When asked what it was like to hear the news, Duncan said that, as a grandmother, it was heartbreaking.

In general, CF is a name that’s heard on occasion– most often spoken in passing on a television show, such as Grey’s Anatomy – but few actually know what the disorder, itself, is.

According to the Cystic Fibrosis Foundation, there are 30,000 confirmed cases of CF in the United States and only 70,000 in the entire world.

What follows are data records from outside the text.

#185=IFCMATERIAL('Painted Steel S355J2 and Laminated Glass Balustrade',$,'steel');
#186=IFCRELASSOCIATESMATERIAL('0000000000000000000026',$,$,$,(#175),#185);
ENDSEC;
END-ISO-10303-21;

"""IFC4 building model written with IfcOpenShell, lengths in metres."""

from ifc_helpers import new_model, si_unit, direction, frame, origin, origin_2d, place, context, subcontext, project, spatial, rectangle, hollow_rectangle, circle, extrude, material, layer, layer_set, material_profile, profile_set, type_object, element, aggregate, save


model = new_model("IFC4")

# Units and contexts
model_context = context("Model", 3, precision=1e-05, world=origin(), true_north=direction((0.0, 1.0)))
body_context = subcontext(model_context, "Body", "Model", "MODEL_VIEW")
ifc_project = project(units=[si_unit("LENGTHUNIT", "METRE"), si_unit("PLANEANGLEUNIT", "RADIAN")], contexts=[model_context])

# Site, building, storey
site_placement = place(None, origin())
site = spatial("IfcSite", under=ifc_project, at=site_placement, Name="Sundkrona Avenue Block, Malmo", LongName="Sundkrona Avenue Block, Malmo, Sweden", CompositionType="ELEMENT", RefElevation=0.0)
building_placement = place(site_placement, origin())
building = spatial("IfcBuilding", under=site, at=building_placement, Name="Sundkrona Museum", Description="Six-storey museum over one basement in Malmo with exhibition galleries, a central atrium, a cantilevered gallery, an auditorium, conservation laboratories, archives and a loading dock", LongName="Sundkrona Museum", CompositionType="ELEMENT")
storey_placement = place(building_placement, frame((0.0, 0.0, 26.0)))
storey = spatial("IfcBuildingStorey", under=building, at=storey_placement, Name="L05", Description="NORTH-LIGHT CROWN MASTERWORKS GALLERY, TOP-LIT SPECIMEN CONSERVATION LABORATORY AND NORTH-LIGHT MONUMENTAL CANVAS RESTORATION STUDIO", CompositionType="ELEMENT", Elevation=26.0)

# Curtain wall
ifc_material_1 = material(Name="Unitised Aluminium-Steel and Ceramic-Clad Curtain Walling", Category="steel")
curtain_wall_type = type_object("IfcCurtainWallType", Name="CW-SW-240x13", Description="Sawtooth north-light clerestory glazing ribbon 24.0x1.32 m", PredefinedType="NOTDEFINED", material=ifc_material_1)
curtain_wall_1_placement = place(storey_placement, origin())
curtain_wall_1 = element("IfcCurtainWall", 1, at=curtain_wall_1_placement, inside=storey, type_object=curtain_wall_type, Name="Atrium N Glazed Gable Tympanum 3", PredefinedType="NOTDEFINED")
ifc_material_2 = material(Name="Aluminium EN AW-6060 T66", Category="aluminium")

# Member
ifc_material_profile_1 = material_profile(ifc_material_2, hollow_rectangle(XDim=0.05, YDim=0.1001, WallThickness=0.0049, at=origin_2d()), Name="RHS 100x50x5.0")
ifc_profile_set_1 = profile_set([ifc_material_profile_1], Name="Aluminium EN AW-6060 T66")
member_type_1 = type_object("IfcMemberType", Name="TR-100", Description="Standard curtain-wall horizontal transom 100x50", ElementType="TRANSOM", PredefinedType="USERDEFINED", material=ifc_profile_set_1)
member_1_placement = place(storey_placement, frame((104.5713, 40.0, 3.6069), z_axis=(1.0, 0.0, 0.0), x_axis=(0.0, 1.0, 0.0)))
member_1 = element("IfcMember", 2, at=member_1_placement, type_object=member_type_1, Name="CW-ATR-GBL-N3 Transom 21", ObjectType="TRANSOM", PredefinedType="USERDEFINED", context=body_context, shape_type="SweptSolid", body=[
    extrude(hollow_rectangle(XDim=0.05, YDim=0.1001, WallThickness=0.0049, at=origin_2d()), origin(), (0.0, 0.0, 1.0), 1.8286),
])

“It’s very rare,” Duncan added, “but it does happen. A lot of people just don’t realize they have it until they get older. They can go through life thinking that their trouble breathing is a result of asthma, or that the child who’s not gaining weight is a picky eater – maybe they have a high metabolism. Unless someone knows it’s an issue, they won’t know what symptoms to look for.”

To help raise CF awareness and to “ride for a cure,” the family has organized a poker run for Saturday, May 14. The run will begin at 11 a.m. at the Marlinton Mini Park, and participants will follow a route that showcases Pocahontas County and neighboring Virginia counties before ending at Stillwell Park with a cookout at 5 p.m. The cost is $20 per rider, and $10 per passenger. Rain date is scheduled for the following day – Sunday, May 15.

“We want to try to help find a cure,” Duncan said, “and we want him to be able to live a long and healthy life. We’re just hoping we can do something to help.”